REORG TABLE ... APPLY (PURGE)
is run against the table.
Events related to file compaction do not have strict guarantees for resolving changes recorded in deletion vectors, and some changes recorded in deletion vectors might not be applied if target data files would not otherwise be candidates for file compaction. REORG TABLE ... APPLY (PURGE)
rewrites all data files containing records with modifications recorded using deletion vectors. See REORG TABLE.
Note
Modified data might still exist in the old files. You can run VACUUM to physically delete the old files. REORG TABLE ... APPLY (PURGE)
creates a new version of the table when it completes. This completion time is the timestamp you must consider for the retention threshold for your VACUUM
operation to fully remove deleted files. See Remove unused data files with vacuum.
Compatibility with Delta clients
Databricks uses deletion vectors to power predictive I/O for updates on Photon-enabled compute. See Use predictive I/O to accelerate updates.
Support for using deletion vectors for reads and writes varies by client.
The following table denotes required client versions for reading and writing Delta tables with deletion vectors enabled and specifies which write operations use deletion vectors:
Client |
Write deletion vectors |
Read deletion vectors |
---|---|---|
Databricks Runtime with Photon |
Supports |
Requires Databricks Runtime 12.2 LTS or above. |
Databricks Runtime without Photon |
Supports |
Requires Databricks Runtime 12.2 LTS or above. |
OSS Apache Spark with OSS Delta Lake |
Supports |
Requires OSS Delta 2.3.0 or above. |
Delta Sharing recipients |
Writes are not supported on Delta Sharing tables |
Databricks: Requires DBR 14.1 or above. Open source Apache Spark: Requires |
Note
For support with other Delta clients, see the OSS Delta Lake integrations documentation.
Limitations
UniForm does not support deletion vectors.
You cannot use a GENERATE statement to generate a manifest file for a table that has files using deletion vectors. To generate a manifest, first run a REORG TABLE … APPLY (PURGE) statement and then run the
GENERATE
statement. You must ensure that no concurrent write operations are running when you submit theREORG
statement.You cannot incrementally generate manifest files for a table with deletion vectors enabled (for example, by setting the table property
delta.compatibility.symlinkFormatManifest.enabled=true
).If you enable deletion vectors on a materialized view or streaming table and subsequently disable deletion vectors, future writes to the view or table are prevented from using deletion vectors, but existing deletion vectors are not removed.

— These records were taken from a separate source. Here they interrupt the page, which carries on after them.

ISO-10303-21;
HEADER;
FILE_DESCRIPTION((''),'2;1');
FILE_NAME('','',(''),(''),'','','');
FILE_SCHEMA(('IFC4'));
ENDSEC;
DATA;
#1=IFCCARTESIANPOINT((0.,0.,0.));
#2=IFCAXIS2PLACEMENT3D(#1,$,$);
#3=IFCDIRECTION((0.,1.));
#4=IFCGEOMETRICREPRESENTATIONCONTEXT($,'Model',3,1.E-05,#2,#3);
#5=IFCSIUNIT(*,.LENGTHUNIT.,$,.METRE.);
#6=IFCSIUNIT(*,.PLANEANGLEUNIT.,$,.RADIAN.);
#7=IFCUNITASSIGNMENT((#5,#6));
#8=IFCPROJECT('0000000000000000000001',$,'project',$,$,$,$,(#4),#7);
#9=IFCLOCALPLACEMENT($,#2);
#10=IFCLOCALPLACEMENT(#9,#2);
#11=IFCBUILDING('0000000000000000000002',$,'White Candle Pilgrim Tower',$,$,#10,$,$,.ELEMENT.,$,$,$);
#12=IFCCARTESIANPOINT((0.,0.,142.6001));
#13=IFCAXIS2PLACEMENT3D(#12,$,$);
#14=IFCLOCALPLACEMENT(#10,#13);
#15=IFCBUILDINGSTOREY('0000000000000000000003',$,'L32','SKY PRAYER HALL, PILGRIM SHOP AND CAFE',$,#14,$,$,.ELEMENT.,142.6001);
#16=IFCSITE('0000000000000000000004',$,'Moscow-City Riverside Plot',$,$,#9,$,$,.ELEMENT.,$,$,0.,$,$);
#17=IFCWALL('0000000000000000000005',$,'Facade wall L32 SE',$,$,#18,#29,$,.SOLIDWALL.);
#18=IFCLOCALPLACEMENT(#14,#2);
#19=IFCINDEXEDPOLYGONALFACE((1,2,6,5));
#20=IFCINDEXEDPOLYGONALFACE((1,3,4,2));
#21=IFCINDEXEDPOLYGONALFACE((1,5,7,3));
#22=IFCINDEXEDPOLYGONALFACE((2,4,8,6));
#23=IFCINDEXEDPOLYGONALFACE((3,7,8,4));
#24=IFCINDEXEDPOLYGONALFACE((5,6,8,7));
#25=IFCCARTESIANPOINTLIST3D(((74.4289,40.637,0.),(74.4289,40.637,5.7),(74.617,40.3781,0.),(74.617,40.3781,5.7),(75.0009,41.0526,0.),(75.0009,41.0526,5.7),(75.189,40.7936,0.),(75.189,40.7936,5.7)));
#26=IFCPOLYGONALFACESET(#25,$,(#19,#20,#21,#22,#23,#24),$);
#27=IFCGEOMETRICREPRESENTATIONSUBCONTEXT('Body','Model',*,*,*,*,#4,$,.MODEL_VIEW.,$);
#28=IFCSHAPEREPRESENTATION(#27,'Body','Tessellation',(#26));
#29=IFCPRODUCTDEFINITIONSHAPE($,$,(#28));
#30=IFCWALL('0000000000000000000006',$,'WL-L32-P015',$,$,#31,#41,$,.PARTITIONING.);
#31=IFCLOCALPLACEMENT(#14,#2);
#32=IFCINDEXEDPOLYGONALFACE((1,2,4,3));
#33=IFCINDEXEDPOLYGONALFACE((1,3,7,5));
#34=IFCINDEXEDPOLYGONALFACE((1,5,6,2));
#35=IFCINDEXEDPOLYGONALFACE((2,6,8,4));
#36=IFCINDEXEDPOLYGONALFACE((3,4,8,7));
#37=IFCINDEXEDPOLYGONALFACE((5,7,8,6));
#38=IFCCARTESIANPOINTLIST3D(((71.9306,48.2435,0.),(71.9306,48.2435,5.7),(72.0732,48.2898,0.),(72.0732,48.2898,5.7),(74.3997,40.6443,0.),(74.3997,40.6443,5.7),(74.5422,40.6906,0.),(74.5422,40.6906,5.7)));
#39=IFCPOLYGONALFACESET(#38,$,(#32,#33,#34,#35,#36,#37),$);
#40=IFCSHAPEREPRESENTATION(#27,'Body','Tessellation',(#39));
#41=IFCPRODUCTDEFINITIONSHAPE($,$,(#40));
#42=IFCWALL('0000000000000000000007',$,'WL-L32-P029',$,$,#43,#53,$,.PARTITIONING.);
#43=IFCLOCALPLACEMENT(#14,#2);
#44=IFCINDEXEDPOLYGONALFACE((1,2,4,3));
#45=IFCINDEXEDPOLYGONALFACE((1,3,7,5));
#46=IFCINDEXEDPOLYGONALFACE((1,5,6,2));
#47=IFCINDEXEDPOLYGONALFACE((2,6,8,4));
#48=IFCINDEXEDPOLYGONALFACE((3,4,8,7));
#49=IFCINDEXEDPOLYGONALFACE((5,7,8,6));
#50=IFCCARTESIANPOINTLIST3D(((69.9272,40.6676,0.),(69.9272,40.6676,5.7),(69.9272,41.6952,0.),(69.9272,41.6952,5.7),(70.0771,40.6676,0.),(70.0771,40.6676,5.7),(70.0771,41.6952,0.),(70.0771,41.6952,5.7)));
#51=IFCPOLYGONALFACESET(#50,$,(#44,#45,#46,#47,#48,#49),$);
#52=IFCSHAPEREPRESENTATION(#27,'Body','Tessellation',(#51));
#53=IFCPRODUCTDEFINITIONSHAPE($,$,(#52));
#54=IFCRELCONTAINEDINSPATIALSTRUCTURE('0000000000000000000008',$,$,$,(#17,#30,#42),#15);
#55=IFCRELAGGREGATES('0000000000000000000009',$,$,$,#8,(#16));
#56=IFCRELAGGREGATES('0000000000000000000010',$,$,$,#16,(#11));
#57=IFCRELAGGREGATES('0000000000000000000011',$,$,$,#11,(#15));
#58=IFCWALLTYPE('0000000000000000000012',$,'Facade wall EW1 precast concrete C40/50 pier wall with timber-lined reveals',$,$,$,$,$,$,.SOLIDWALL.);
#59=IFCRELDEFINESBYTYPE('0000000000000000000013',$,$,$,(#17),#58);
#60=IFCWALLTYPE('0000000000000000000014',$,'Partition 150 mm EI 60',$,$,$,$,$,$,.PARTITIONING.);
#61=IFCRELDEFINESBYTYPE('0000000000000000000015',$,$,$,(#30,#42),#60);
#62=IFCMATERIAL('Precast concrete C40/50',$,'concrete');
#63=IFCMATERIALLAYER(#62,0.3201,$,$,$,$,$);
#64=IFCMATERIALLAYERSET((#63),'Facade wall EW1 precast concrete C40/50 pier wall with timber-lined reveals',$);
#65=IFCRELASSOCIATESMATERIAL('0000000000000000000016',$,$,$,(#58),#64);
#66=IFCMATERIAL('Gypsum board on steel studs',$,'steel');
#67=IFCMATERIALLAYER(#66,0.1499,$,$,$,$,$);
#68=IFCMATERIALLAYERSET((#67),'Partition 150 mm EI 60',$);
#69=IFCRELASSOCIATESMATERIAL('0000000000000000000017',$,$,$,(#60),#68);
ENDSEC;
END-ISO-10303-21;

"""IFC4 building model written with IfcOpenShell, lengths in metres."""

from ifc_helpers import new_model, si_unit, direction, frame, frame_2d, origin, place, context, subcontext, project, spatial, rectangle, extrude, material, layer, layer_set, type_object, element, save


model = new_model("IFC4")

# Units and contexts
model_context = context("Model", 3, precision=1e-05, world=origin(), true_north=direction((0.0, 1.0)))
body_context = subcontext(model_context, "Body", "Model", "MODEL_VIEW")
ifc_project = project(units=[si_unit("LENGTHUNIT", "METRE"), si_unit("PLANEANGLEUNIT", "RADIAN")], contexts=[model_context])

# Site, building, storey
site_placement = place(None, origin())
site = spatial("IfcSite", under=ifc_project, at=site_placement, Name="Moscow-City Riverside Plot", CompositionType="ELEMENT", RefElevation=0.0)
building_placement = place(site_placement, origin())
building = spatial("IfcBuilding", under=site, at=building_placement, Name="White Candle Pilgrim Tower", CompositionType="ELEMENT")
storey_placement = place(building_placement, frame((0.0, 0.0, 142.6001)))
storey = spatial("IfcBuildingStorey", under=building, at=storey_placement, Name="L32", Description="SKY PRAYER HALL, PILGRIM SHOP AND CAFE", CompositionType="ELEMENT", Elevation=142.6001)

# Walls
ifc_material_1 = material(Name="Precast concrete C40/50", Category="concrete")
ifc_layer_1 = layer(ifc_material_1, 0.3201)
ifc_layer_set_1 = layer_set([ifc_layer_1], Name="Facade wall EW1 precast concrete C40/50 pier wall with timber-lined reveals")
wall_type_1 = type_object("IfcWallType", Name="Facade wall EW1 precast concrete C40/50 pier wall with timber-lined reveals", PredefinedType="SOLIDWALL", material=ifc_layer_set_1)
wall_1_placement = place(storey_placement, frame((74.5229, 40.5076, 0.0), z_axis=(0.0, 0.0, 1.0), x_axis=(0.809064, 0.58772, 0.0)))
element("IfcWall", 1, at=wall_1_placement, inside=storey, type_object=wall_type_1, Name="Facade wall L32 SE", PredefinedType="SOLIDWALL", context=body_context, shape_type="SweptSolid", body=[
    extrude(rectangle(XDim=0.707, YDim=0.3201, at=frame_2d((0.3535, 0.0))), origin(), (0.0, 0.0, 1.0), 5.7),
])
ifc_material_2 = material(Name="Gypsum board on steel studs", Category="steel")
ifc_layer_2 = layer(ifc_material_2, 0.1499)
ifc_layer_set_2 = layer_set([ifc_layer_2], Name="Partition 150 mm EI 60")
wall_type_2 = type_object("IfcWallType", Name="Partition 150 mm EI 60", PredefinedType="PARTITIONING", material=ifc_layer_set_2)
wall_2_placement = place(storey_placement, frame((74.4709, 40.6675, 0.0), z_axis=(0.0, 0.0, 1.0), x_axis=(-0.309005, 0.951061, 0.0)))
element("IfcWall", 2, at=wall_2_placement, inside=storey, type_object=wall_type_2, Name="WL-L32-P015", PredefinedType="PARTITIONING", context=body_context, shape_type="SweptSolid", body=[
    extrude(rectangle(XDim=7.9902, YDim=0.1499, at=frame_2d((3.9951, 0.0))), origin(), (0.0, 0.0, 1.0), 5.7),
])
wall_3_placement = place(storey_placement, frame((70.0022, 41.6951, 0.0), z_axis=(0.0, 0.0, 1.0), x_axis=(0.0, -1.0, 0.0)))
element("IfcWall", 3, at=wall_3_placement, inside=storey, type_object=wall_type_2, Name="WL-L32-P029", PredefinedType="PARTITIONING", context=body_context, shape_type="SweptSolid", body=[
    extrude(rectangle(XDim=1.0276, YDim=0.1499, at=frame_2d((0.5137, 0.0))), origin(), (0.0, 0.0, 1.0), 5.7),
])

save(model, "model.ifc")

You cannot downgrade the table protocol after enabling deletion vectors on a materialized view or streaming table. After enabling, the table feature for deletion vectors cannot be removed, even if you subsequently disable deletion vectors on the view or table.
You cannot run
REORG
on materialized views or streaming tables to commit changes recorded in deletion vectors to Parquet data files backing these objects. Because of this limitation, do not enable deletion vectors on materialized views or streaming tables if you must guarantee complete deletion of records (for example, for GDPR or CCPA compliance).